Published: 18 January 2002

Abstract

Background

Circadian clocks are biological oscillators that regulate molecular, physiological, and behavioral rhythms in a wide variety of organisms. While behavioral rhythms are typically monitored over many cycles, a similar approach to molecular rhythms was not possible until recently; the advent of real-time analysis using transgenic reporters now permits the observations of molecular rhythms over many cycles as well. This development suggests that new details about the relationship between molecular and behavioral rhythms may be revealed. Even so, behavioral and molecular rhythmicity have been analyzed using different methods, making such comparisons difficult to achieve.
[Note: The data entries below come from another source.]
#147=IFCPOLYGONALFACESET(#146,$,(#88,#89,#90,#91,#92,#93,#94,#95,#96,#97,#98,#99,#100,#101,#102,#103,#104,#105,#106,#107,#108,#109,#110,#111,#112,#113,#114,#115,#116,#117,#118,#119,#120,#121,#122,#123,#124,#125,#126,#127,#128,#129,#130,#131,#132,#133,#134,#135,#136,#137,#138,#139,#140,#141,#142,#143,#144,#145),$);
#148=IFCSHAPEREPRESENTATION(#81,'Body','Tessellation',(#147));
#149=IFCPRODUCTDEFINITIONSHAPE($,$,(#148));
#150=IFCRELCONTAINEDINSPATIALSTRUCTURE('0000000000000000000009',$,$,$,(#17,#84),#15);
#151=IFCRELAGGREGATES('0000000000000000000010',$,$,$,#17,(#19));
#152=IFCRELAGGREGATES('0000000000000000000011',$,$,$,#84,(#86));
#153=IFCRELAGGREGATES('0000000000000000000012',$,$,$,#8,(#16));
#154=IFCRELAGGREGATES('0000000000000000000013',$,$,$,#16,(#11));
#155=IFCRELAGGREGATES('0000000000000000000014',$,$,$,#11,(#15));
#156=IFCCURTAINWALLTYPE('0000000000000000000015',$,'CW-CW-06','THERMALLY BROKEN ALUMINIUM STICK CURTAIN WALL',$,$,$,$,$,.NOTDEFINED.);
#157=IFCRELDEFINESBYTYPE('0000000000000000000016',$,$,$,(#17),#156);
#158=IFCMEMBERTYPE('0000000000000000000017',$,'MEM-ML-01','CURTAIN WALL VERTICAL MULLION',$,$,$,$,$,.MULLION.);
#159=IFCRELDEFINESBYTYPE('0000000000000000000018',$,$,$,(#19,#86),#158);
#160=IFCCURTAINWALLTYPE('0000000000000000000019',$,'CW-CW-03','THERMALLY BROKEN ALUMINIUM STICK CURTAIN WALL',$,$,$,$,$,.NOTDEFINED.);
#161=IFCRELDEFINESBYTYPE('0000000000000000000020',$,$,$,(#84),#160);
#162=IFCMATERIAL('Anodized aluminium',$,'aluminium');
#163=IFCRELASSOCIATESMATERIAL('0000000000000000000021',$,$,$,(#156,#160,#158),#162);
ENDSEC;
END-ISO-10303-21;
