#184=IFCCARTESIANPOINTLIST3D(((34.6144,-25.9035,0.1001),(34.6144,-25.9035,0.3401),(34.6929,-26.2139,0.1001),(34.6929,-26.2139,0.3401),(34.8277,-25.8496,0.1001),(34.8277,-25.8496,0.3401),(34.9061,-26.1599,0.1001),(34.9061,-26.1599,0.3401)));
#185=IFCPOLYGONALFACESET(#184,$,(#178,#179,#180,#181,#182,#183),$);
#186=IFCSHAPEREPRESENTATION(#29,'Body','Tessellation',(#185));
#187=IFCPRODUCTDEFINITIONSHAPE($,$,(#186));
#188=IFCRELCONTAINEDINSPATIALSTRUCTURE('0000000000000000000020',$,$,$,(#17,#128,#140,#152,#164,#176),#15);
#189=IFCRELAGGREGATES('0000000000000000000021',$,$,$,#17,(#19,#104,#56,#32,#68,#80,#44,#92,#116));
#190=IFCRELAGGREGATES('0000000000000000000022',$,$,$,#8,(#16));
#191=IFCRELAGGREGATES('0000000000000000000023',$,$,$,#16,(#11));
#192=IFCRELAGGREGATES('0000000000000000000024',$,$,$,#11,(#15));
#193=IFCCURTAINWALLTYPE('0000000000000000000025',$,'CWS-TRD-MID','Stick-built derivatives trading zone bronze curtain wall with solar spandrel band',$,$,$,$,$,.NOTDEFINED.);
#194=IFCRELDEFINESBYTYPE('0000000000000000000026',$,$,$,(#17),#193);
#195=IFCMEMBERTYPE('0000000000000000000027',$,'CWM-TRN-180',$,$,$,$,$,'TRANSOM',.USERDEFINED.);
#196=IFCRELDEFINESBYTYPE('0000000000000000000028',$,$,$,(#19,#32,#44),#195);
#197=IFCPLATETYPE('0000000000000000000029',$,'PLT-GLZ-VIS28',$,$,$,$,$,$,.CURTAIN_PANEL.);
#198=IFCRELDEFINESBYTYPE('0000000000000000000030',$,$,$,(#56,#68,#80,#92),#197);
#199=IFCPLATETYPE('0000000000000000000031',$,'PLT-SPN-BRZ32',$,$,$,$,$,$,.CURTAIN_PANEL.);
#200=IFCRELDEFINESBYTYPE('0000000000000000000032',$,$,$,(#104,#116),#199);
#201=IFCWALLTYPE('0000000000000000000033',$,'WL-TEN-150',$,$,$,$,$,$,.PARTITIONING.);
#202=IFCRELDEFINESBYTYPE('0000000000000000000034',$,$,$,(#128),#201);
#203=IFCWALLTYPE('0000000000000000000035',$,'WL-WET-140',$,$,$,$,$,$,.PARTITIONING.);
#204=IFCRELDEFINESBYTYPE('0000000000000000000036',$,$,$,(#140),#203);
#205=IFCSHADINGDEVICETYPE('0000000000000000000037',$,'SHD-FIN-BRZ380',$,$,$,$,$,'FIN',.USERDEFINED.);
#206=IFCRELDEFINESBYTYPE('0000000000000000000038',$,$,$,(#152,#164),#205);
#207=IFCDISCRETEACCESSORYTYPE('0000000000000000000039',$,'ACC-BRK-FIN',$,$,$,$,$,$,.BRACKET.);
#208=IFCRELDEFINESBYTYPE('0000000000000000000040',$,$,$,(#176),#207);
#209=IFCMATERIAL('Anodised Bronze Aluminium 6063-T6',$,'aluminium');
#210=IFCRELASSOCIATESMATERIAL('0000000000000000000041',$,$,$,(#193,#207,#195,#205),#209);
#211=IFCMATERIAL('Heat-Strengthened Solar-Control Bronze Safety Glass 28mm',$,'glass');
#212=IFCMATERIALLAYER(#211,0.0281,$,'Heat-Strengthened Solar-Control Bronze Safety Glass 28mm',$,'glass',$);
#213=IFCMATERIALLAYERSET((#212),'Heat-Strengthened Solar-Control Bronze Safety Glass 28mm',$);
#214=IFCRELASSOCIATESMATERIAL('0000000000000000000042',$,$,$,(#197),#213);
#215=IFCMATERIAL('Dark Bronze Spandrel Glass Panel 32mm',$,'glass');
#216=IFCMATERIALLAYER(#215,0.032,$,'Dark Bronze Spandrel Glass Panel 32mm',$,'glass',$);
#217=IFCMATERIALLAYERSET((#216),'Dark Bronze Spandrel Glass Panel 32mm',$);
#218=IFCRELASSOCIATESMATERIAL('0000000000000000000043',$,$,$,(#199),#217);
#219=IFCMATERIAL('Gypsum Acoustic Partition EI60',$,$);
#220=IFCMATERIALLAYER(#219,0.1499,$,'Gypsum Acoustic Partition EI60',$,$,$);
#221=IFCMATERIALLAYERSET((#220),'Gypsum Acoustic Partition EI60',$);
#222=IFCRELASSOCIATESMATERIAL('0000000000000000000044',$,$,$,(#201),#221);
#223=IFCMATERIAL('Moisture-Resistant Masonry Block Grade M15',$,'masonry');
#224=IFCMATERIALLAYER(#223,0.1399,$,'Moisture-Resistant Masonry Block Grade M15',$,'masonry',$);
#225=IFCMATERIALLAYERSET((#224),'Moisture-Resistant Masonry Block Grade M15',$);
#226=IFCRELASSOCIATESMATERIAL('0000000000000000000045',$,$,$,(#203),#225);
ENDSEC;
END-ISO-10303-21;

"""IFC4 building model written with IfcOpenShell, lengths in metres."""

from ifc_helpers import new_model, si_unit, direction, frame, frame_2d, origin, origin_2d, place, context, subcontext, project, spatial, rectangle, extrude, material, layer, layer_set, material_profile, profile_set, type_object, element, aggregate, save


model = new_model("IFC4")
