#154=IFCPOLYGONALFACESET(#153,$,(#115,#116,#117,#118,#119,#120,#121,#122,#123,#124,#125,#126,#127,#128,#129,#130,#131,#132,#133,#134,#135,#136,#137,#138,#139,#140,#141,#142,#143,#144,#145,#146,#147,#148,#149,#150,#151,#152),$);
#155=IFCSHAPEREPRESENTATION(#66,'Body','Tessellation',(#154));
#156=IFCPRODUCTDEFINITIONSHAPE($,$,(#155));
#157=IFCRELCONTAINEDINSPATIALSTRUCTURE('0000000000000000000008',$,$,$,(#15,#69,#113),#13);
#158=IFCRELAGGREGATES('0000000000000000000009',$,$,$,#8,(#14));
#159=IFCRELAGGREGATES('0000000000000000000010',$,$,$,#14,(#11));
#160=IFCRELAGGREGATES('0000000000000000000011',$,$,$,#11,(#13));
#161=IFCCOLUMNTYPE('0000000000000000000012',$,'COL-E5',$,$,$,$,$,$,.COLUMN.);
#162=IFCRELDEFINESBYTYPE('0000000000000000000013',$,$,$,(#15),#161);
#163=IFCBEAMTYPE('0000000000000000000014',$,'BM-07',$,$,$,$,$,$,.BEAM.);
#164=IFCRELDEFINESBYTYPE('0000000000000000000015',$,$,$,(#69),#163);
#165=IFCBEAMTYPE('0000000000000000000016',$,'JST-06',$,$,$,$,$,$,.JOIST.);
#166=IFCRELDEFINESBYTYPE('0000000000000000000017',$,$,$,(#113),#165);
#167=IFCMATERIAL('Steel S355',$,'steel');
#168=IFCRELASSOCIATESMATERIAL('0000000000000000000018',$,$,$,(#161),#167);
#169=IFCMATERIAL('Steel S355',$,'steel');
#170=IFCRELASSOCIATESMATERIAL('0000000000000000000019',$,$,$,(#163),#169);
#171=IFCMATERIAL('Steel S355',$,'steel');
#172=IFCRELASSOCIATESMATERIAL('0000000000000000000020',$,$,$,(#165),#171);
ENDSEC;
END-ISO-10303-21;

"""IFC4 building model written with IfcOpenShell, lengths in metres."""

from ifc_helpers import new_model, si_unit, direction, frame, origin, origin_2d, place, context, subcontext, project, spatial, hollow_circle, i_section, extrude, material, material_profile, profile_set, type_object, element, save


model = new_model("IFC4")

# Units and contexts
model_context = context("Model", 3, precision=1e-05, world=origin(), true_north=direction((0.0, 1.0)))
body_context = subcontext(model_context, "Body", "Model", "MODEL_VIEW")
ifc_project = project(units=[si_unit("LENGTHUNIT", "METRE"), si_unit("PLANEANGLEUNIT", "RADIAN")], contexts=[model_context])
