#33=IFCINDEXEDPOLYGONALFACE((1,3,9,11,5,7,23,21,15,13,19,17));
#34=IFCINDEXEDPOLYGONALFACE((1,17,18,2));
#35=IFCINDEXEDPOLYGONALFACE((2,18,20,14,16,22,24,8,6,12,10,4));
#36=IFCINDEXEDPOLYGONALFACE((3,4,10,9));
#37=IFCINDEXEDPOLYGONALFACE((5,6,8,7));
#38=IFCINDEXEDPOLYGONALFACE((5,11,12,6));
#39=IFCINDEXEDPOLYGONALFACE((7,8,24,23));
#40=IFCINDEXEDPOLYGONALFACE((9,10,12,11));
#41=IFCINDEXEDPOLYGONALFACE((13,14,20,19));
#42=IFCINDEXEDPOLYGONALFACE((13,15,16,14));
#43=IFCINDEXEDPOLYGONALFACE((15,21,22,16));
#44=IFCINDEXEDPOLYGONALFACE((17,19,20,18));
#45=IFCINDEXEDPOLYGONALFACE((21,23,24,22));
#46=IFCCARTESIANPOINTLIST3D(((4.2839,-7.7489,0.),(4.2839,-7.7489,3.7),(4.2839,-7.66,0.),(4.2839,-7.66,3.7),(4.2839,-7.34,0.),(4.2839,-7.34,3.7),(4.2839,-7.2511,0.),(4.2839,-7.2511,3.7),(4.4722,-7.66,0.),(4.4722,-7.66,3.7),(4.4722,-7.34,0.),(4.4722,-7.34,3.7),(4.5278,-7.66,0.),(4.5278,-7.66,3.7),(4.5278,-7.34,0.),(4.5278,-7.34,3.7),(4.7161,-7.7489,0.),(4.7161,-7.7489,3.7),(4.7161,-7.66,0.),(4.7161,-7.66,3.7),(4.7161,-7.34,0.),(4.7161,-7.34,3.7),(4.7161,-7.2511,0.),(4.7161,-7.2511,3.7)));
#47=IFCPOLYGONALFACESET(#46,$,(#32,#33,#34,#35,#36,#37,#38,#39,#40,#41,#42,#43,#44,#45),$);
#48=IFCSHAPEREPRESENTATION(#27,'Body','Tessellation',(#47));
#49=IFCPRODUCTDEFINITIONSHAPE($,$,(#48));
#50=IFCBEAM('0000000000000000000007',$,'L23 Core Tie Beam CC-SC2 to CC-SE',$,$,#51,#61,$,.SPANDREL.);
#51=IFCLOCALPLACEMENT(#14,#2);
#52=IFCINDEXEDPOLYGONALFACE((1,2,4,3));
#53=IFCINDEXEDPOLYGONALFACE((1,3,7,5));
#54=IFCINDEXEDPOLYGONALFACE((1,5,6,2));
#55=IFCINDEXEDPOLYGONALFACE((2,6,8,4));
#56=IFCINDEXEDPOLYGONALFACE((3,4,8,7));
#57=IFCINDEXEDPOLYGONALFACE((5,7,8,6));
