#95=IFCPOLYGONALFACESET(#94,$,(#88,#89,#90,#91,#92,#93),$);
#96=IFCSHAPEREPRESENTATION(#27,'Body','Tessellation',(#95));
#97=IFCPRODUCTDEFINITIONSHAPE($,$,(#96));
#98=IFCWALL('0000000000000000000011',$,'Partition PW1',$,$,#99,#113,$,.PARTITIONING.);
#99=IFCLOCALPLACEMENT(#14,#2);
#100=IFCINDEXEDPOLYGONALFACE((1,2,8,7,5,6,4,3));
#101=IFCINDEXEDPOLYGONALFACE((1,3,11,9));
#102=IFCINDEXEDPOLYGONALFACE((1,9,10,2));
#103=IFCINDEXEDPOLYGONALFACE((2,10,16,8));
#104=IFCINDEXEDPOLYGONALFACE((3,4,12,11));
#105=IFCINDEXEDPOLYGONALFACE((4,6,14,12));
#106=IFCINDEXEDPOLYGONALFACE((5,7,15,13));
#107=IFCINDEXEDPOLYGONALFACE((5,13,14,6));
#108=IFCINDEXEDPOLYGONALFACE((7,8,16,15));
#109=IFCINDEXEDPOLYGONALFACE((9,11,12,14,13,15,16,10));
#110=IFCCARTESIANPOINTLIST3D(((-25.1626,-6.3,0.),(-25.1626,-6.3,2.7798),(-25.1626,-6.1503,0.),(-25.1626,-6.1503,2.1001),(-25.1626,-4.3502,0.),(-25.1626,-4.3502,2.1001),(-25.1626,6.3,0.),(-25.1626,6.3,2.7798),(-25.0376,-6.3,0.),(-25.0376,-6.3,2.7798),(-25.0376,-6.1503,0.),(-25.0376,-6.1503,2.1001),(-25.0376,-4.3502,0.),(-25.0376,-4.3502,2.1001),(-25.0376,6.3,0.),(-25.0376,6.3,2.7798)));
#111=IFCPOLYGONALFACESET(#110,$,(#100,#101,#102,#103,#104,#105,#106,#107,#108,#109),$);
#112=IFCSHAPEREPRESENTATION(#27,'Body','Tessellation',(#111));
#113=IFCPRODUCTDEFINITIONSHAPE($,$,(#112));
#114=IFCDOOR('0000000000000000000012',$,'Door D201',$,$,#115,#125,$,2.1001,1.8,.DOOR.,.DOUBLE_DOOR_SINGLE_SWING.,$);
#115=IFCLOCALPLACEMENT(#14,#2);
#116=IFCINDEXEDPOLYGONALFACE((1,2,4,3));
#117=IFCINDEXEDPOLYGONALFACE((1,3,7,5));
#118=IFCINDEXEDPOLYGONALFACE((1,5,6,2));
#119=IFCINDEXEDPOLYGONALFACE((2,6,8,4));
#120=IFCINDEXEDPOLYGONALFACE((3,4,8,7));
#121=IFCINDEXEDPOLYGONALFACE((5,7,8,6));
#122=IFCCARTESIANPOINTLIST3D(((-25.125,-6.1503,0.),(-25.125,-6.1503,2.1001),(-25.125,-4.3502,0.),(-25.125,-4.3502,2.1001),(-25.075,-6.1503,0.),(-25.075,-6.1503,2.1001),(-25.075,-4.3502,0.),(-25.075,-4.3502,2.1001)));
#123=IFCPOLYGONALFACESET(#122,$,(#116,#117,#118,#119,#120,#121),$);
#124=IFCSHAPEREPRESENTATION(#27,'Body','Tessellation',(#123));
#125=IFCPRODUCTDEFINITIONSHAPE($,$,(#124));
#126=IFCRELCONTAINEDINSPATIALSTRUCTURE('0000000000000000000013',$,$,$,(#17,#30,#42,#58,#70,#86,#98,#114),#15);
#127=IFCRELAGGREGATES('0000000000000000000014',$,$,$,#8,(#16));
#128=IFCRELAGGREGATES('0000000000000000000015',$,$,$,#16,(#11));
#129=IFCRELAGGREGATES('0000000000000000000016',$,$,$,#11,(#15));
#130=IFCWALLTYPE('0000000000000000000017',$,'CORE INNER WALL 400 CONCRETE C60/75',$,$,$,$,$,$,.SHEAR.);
To address this shortcoming, among others, we developed a set of integrated analytical tools to unify the analysis of biological rhythms across modalities.

Results

We demonstrate an adaptation of digital signal analysis that allows similar treatment of both behavioral and molecular data from our studies of Drosophila. For both types of data, we apply digital filters to extract and clarify details of interest; we employ methods of autocorrelation and spectral analysis to assess rhythmicity and estimate the period; we evaluate phase shifts using crosscorrelation; and we use circular statistics to extract information about phase.

Conclusion

Using data generated by our investigation of rhythms in Drosophila we demonstrate how a unique aggregation of analytical tools may be used to analyze and compare behavioral and molecular rhythms. These methods are shown to be versatile and will also be adaptable to further experiments, owing in part to the non-proprietary nature of the code we have developed.